In truth, little has changed since the early 1980s. Back then, people played Dungeons & Dragons in radically different ways because nothing in the Dungeons & Dragons rulebooks told you how to play the actual game. Forty years later, and people are still cobbling their games together based not only upon poorly-written and poorly-understood rules, but also on negotiating in-group tensions born of different people wanting different things out of an evening’s gaming. Gaming is still atomised, it’s just that nowadays gamers are more ready to recognise that their isolation is born of legitimate differences of opinion rather than one side or the other failing to play the game ‘properly’.

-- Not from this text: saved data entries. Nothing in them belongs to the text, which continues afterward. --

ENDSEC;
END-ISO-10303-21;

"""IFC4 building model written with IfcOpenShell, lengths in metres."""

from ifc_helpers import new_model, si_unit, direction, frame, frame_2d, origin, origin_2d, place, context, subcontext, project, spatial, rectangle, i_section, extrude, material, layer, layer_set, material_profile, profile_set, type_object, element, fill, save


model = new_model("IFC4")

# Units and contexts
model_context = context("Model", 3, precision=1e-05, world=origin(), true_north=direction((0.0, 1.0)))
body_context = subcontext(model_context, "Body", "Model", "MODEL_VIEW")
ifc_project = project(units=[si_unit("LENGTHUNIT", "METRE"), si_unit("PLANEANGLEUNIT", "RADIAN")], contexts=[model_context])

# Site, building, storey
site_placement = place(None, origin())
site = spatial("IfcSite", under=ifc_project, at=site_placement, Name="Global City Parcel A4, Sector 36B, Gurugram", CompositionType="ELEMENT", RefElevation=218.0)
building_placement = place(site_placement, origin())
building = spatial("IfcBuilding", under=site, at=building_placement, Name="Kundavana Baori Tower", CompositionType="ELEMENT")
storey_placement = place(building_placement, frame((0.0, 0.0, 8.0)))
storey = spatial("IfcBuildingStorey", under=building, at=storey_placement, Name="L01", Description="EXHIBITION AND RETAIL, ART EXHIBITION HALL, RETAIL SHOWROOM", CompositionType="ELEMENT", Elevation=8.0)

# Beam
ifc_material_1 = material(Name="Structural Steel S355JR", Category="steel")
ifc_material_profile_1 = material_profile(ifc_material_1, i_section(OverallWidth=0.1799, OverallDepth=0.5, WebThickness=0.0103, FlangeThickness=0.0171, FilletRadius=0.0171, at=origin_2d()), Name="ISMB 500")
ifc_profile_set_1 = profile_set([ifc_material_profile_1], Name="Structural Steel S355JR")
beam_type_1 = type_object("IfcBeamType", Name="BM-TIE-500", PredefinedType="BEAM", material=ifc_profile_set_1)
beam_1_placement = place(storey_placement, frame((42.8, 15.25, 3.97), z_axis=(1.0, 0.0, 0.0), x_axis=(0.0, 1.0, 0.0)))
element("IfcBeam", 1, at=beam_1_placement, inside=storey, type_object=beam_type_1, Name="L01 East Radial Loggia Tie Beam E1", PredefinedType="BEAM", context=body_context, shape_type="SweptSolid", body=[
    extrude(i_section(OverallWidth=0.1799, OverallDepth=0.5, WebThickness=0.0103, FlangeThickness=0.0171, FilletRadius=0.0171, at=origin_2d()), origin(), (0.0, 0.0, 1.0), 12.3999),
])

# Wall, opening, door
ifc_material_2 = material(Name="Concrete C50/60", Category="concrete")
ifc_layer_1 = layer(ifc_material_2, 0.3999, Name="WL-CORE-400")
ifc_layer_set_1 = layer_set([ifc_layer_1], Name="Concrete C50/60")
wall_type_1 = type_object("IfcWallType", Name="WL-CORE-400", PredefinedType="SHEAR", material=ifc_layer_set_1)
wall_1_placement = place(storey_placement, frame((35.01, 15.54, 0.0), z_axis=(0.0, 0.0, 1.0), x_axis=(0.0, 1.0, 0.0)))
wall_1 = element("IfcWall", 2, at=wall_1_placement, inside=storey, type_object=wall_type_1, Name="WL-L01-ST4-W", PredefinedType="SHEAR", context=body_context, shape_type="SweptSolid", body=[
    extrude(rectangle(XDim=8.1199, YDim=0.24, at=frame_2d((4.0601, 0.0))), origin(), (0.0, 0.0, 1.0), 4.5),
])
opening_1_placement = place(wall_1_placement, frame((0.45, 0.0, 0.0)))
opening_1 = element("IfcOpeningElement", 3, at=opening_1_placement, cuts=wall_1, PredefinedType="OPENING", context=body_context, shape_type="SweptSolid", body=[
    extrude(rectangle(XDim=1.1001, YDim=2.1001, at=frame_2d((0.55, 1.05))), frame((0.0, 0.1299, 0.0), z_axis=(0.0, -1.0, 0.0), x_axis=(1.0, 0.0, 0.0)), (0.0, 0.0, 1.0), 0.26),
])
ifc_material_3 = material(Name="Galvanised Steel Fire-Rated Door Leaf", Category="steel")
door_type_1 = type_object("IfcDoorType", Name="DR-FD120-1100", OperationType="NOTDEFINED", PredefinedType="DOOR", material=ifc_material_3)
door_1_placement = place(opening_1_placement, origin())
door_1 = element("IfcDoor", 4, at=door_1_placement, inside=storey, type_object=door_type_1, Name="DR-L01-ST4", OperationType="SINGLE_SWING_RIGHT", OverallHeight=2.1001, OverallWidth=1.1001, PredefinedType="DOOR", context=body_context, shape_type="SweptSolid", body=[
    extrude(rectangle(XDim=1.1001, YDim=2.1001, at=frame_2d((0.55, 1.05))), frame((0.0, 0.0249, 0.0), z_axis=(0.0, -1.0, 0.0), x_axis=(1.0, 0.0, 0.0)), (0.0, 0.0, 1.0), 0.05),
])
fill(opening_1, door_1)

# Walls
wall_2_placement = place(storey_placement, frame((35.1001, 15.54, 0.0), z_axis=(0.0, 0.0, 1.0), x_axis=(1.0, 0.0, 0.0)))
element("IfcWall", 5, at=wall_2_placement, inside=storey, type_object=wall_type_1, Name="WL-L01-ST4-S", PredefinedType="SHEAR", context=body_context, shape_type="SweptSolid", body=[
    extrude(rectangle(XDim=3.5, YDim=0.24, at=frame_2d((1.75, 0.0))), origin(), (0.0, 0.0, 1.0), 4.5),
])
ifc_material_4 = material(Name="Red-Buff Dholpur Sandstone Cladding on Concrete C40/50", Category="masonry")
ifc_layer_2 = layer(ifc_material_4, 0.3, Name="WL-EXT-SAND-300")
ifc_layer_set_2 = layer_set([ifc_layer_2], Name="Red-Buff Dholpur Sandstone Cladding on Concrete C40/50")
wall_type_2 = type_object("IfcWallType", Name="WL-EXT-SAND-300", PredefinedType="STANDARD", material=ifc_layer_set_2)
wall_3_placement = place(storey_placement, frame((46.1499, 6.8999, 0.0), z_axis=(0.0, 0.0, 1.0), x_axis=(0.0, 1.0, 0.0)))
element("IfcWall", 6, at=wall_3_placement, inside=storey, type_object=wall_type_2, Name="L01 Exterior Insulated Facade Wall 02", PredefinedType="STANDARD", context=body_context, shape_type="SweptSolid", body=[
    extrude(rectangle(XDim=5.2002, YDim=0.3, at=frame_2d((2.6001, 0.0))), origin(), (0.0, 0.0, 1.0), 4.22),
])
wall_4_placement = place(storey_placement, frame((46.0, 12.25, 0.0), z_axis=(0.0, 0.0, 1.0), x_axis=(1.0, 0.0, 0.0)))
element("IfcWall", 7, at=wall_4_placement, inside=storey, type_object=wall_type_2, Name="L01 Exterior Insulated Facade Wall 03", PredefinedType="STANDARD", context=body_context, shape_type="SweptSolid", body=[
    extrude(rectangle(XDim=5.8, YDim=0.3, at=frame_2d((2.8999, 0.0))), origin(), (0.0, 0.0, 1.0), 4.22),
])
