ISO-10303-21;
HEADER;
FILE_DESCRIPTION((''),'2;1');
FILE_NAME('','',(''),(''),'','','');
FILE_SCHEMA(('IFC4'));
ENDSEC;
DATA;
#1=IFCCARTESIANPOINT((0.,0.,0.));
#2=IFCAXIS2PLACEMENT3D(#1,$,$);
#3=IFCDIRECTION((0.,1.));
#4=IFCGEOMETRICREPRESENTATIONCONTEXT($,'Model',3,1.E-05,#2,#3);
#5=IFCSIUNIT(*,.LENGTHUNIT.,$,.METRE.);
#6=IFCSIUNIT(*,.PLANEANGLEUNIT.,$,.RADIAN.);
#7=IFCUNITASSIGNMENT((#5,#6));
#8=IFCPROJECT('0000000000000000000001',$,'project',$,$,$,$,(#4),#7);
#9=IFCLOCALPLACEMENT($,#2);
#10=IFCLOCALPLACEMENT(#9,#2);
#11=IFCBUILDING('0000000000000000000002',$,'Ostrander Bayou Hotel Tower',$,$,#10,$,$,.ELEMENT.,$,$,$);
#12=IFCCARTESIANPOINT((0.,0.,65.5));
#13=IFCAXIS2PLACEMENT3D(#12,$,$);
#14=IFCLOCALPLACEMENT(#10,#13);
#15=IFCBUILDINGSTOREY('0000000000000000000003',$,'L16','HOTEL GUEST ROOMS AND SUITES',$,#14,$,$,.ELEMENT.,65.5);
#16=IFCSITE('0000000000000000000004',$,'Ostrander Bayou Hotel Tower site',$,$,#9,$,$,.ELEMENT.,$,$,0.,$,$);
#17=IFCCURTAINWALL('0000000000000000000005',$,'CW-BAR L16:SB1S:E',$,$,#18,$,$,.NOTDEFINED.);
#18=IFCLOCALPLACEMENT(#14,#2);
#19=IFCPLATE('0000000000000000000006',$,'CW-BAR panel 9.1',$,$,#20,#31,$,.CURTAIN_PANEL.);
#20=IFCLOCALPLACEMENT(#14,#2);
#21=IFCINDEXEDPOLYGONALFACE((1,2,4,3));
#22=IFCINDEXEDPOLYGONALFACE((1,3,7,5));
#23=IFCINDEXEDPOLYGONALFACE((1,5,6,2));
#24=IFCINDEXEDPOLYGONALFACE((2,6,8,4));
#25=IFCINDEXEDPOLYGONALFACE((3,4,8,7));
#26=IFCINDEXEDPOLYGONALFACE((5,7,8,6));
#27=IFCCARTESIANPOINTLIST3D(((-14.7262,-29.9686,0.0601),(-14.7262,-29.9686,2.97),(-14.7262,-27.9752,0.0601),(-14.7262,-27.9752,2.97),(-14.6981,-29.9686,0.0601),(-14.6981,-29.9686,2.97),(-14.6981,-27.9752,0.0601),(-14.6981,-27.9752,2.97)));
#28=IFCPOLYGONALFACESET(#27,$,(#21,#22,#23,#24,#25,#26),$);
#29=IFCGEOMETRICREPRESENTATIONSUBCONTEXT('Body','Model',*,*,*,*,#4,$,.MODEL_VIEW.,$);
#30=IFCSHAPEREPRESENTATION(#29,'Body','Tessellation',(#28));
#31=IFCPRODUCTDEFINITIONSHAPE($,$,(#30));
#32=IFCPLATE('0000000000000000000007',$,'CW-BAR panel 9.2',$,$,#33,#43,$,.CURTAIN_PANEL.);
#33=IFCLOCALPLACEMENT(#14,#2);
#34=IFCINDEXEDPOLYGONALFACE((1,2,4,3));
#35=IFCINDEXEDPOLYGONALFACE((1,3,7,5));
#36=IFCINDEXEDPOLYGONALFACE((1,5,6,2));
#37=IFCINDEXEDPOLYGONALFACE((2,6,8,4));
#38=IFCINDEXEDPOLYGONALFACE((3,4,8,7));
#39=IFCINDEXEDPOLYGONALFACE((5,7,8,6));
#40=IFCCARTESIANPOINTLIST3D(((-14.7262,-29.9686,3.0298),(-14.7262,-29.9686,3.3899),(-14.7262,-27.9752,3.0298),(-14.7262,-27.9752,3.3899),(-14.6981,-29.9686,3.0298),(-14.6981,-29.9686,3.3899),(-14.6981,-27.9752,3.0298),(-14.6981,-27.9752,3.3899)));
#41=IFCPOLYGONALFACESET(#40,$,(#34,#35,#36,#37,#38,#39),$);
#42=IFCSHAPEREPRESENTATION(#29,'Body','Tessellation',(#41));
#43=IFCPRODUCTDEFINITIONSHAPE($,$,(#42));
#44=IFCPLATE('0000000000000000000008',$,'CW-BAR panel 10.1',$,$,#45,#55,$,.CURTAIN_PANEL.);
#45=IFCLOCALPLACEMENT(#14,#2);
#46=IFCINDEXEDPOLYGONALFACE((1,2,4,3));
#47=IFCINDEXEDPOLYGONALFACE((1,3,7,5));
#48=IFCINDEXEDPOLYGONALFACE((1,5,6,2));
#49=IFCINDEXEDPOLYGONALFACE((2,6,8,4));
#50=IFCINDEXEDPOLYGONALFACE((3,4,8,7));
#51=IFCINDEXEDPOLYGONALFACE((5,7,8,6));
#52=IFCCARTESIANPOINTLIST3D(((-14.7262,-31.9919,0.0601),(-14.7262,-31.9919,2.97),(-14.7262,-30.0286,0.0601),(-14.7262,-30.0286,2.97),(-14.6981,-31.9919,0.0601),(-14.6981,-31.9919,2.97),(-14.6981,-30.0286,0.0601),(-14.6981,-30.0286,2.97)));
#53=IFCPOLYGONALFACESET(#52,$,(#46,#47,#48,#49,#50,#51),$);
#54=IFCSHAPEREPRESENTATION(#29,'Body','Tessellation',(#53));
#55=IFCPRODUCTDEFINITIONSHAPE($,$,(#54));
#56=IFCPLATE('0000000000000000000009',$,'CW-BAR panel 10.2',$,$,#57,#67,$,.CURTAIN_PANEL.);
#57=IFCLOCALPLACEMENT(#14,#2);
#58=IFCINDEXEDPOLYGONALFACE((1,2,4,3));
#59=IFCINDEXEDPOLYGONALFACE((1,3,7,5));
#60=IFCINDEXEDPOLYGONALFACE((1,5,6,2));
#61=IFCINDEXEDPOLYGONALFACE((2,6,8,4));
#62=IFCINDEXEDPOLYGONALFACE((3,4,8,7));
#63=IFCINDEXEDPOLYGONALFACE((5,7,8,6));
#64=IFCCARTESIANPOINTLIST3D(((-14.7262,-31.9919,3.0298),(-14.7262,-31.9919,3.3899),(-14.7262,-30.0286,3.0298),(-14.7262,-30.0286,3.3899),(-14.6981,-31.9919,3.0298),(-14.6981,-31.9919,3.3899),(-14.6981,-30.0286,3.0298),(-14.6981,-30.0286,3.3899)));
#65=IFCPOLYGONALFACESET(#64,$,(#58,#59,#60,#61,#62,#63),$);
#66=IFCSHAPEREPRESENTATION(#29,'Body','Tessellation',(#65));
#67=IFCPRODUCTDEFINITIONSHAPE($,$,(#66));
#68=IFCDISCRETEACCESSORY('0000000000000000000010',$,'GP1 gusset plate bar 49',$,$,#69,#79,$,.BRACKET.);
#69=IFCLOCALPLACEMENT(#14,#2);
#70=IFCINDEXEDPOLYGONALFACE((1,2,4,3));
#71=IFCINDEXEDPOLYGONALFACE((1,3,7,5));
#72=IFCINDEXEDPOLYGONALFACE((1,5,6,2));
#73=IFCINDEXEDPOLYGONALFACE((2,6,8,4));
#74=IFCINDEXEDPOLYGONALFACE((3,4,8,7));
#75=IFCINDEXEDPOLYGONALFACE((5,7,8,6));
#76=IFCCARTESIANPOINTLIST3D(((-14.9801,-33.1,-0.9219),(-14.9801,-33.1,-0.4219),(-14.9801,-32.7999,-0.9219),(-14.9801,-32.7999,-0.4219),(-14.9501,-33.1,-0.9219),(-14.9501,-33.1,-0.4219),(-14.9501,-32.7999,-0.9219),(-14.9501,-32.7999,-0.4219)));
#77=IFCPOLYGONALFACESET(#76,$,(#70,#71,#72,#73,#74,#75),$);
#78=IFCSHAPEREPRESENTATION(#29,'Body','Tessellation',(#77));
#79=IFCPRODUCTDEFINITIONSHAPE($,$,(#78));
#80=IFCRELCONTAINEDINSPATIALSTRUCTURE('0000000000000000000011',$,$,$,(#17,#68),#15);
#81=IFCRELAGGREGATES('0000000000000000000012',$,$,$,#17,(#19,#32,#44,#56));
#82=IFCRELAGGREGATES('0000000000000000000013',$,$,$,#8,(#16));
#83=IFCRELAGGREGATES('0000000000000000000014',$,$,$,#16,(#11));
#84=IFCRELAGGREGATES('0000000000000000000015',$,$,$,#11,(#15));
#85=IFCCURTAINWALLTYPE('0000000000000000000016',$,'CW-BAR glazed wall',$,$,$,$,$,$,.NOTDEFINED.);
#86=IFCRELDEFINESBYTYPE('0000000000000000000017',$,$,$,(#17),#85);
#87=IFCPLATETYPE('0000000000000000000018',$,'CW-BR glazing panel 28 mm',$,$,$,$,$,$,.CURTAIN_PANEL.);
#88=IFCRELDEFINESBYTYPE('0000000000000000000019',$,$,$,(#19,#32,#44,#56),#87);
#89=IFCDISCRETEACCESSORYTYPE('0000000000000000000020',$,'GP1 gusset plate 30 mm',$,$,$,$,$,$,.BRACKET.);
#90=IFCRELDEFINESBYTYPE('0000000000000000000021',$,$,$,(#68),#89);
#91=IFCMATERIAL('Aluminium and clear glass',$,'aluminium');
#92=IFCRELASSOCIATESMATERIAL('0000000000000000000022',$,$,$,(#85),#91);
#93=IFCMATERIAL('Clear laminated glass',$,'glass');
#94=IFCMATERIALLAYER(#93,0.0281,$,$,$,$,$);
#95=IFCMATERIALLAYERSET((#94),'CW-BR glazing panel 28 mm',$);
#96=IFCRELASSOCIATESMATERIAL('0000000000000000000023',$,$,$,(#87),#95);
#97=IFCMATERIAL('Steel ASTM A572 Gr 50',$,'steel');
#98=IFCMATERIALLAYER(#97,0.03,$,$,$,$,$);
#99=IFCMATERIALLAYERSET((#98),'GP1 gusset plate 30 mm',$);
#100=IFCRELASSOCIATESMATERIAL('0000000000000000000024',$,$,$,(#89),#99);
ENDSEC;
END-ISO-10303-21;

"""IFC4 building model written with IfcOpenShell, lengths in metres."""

from ifc_helpers import new_model, si_unit, direction, frame, origin, origin_2d, place, context, subcontext, project, spatial, rectangle, extrude, material, layer, layer_set, type_object, element, aggregate, save


model = new_model("IFC4")

# Units and contexts
model_context = context("Model", 3, precision=1e-05, world=origin(), true_north=direction((0.0, 1.0)))
body_context = subcontext(model_context, "Body", "Model", "MODEL_VIEW")
ifc_project = project(units=[si_unit("LENGTHUNIT", "METRE"), si_unit("PLANEANGLEUNIT", "RADIAN")], contexts=[model_context])

# Site, building, storey
site_placement = place(None, origin())
site = spatial("IfcSite", under=ifc_project, at=site_placement, Name="Ostrander Bayou Hotel Tower site", CompositionType="ELEMENT", RefElevation=0.0)
building_placement = place(site_placement, origin())
building = spatial("IfcBuilding", under=site, at=building_placement, Name="Ostrander Bayou Hotel Tower", CompositionType="ELEMENT")
storey_placement = place(building_placement, frame((0.0, 0.0, 65.5)))
storey = spatial("IfcBuildingStorey", under=building, at=storey_placement, Name="L16", Description="HOTEL GUEST ROOMS AND SUITES", CompositionType="ELEMENT", Elevation=65.5)

# Curtain wall
ifc_material_1 = material(Name="Aluminium and clear glass", Category="aluminium")
curtain_wall_type = type_object("IfcCurtainWallType", Name="CW-BAR glazed wall", PredefinedType="NOTDEFINED", material=ifc_material_1)
curtain_wall_1_placement = place(storey_placement, origin())
curtain_wall_1 = element("IfcCurtainWall", 1, at=curtain_wall_1_placement, inside=storey, type_object=curtain_wall_type, Name="CW-BAR L16:SB1S:E", PredefinedType="NOTDEFINED")

# Plates
ifc_material_2 = material(Name="Clear laminated glass", Category="glass")
ifc_layer_1 = layer(ifc_material_2, 0.0281)
ifc_layer_set_1 = layer_set([ifc_layer_1], Name="CW-BR glazing panel 28 mm")
plate_type = type_object("IfcPlateType", Name="CW-BR glazing panel 28 mm", PredefinedType="CURTAIN_PANEL", material=ifc_layer_set_1)
plate_1_placement = place(storey_placement, frame((-14.7122, -28.9719, 0.0601), z_axis=(0.0, 0.0, 1.0), x_axis=(0.0, -1.0, 0.0)))
plate_1 = element("IfcPlate", 2, at=plate_1_placement, type_object=plate_type, Name="CW-BAR panel 9.1", PredefinedType="CURTAIN_PANEL", context=body_context, shape_type="SweptSolid", body=[
    extrude(rectangle(XDim=1.9934, YDim=0.0281, at=origin_2d()), origin(), (0.0, 0.0, 1.0), 2.9099),
])
plate_2_placement = place(storey_placement, frame((-14.7122, -28.9719, 3.0298), z_axis=(0.0, 0.0, 1.0), x_axis=(0.0, -1.0, 0.0)))
plate_2 = element("IfcPlate", 3, at=plate_2_placement, type_object=plate_type, Name="CW-BAR panel 9.2", PredefinedType="CURTAIN_PANEL", context=body_context, shape_type="SweptSolid", body=[
    extrude(rectangle(XDim=1.9934, YDim=0.0281, at=origin_2d()), origin(), (0.0, 0.0, 1.0), 0.3601),
])
plate_3_placement = place(storey_placement, frame((-14.7122, -31.0103, 0.0601), z_axis=(0.0, 0.0, 1.0), x_axis=(0.0, -1.0, 0.0)))
plate_3 = element("IfcPlate", 4, at=plate_3_placement, type_object=plate_type, Name="CW-BAR panel 10.1", PredefinedType="CURTAIN_PANEL", context=body_context, shape_type="SweptSolid", body=[
    extrude(rectangle(XDim=1.9634, YDim=0.0281, at=origin_2d()), origin(), (0.0, 0.0, 1.0), 2.9099),
])
plate_4_placement = place(storey_placement, frame((-14.7122, -31.0103, 3.0298), z_axis=(0.0, 0.0, 1.0), x_axis=(0.0, -1.0, 0.0)))
plate_4 = element("IfcPlate", 5, at=plate_4_placement, type_object=plate_type, Name="CW-BAR panel 10.2", PredefinedType="CURTAIN_PANEL", context=body_context, shape_type="SweptSolid", body=[
    extrude(rectangle(XDim=1.9634, YDim=0.0281, at=origin_2d()), origin(), (0.0, 0.0, 1.0), 0.3601),
])
aggregate(curtain_wall_1, [plate_1, plate_2, plate_3, plate_4])

# Discrete accessory
ifc_material_3 = material(Name="Steel ASTM A572 Gr 50", Category="steel")
ifc_layer_2 = layer(ifc_material_3, 0.03)
ifc_layer_set_2 = layer_set([ifc_layer_2], Name="GP1 gusset plate 30 mm")
discrete_accessory_type = type_object("IfcDiscreteAccessoryType", Name="GP1 gusset plate 30 mm", PredefinedType="BRACKET", material=ifc_layer_set_2)
discrete_accessory_placement = place(storey_placement, frame((-14.9651, -32.95, -0.9219), z_axis=(0.0, 0.0, 1.0), x_axis=(0.0, 1.0, 0.0)))
element("IfcDiscreteAccessory", 6, at=discrete_accessory_placement, inside=storey, type_object=discrete_accessory_type, Name="GP1 gusset plate bar 49", PredefinedType="BRACKET", context=body_context, shape_type="SweptSolid", body=[
    extrude(rectangle(XDim=0.3, YDim=0.03, at=origin_2d()), origin(), (0.0, 0.0, 1.0), 0.5),
])

save(model, "model.ifc")
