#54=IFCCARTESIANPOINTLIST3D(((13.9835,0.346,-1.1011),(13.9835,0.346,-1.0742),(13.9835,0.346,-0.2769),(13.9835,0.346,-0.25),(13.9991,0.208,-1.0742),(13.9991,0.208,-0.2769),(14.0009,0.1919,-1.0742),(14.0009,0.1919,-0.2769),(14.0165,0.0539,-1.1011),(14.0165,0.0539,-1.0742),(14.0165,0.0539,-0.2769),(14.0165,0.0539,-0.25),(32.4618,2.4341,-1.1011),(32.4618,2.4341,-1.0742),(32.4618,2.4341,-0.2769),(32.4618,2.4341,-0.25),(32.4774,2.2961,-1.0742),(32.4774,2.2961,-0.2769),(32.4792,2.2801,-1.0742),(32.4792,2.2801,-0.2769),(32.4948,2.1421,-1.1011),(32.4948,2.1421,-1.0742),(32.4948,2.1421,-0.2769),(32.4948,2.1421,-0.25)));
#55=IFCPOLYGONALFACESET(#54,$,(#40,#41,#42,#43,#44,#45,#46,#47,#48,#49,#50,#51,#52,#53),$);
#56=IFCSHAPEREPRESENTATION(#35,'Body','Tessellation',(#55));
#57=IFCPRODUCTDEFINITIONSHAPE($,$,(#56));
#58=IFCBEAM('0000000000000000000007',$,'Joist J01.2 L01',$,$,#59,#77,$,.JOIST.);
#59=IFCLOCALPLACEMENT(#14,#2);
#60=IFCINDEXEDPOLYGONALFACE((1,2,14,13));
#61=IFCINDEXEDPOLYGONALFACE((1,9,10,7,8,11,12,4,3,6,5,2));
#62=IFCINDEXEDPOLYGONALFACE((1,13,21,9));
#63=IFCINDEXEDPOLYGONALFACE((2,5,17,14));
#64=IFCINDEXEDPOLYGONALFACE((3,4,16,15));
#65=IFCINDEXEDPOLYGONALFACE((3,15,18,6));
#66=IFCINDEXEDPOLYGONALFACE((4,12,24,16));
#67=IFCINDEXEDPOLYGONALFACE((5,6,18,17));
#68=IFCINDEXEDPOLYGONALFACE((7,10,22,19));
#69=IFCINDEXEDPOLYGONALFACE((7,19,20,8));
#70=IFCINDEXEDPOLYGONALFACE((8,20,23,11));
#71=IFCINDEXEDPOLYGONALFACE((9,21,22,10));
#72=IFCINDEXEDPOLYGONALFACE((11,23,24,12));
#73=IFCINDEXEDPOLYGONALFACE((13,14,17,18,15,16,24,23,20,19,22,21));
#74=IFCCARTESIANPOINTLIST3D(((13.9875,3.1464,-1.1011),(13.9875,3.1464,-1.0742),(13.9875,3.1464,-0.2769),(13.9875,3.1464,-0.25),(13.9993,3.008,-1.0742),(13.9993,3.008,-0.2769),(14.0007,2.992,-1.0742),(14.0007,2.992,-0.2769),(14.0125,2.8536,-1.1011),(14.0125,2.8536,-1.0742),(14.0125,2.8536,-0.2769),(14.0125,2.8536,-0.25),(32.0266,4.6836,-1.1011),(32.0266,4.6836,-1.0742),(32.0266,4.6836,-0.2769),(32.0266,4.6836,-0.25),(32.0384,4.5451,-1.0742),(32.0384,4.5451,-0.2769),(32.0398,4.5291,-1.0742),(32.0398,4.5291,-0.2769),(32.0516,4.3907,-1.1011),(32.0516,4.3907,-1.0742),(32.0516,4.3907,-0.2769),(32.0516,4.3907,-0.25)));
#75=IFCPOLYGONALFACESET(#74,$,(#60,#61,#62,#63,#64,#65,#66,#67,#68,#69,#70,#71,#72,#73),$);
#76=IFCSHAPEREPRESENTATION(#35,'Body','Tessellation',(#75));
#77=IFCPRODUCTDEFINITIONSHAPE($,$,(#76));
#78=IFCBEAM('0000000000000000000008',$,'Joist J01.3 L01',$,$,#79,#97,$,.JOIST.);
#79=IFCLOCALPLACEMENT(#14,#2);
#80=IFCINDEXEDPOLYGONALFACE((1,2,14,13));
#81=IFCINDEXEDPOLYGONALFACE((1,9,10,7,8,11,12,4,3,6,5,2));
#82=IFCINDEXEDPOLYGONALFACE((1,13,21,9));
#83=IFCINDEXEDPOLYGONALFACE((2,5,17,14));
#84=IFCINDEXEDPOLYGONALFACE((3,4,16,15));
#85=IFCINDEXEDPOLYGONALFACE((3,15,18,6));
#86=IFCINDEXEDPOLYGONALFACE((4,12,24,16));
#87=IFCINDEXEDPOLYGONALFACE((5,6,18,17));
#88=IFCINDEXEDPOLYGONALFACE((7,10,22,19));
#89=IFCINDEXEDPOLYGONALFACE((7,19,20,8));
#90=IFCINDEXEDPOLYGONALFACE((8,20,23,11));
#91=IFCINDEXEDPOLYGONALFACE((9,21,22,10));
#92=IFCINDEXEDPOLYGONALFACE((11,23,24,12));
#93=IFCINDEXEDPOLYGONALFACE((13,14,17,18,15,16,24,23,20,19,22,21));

I think that The Elusive Shift is a really interesting book. Peterson has done a good job of digging out old fanzines and tracing how different ideas played out across their pages, but I am not sure how much the evolution of these debates actually tell us about the history of roleplaying. Academia requires things to be ‘legible’ before they can be discussed but there is a danger that in making certain things legible, you make them appear more real and substantial than they are in reality. Twenty years ago, when I finished reading Gary Alan Fine’s Shared Fantasy I pulled a face and concluded that, interesting as his observations may have been, Fine never managed to talk about anything more than one tine corner of RPG culture. Peterson’s book is very different, and a good deal more ambitious than anything attempted by Fine but finishing The Elusive Shift had me pulling that same old face: Sure, it’s kinda interesting, but at the end of the day all we’ve learned is what one tiny corner of the hobby happened to be obsessing about forty years ago.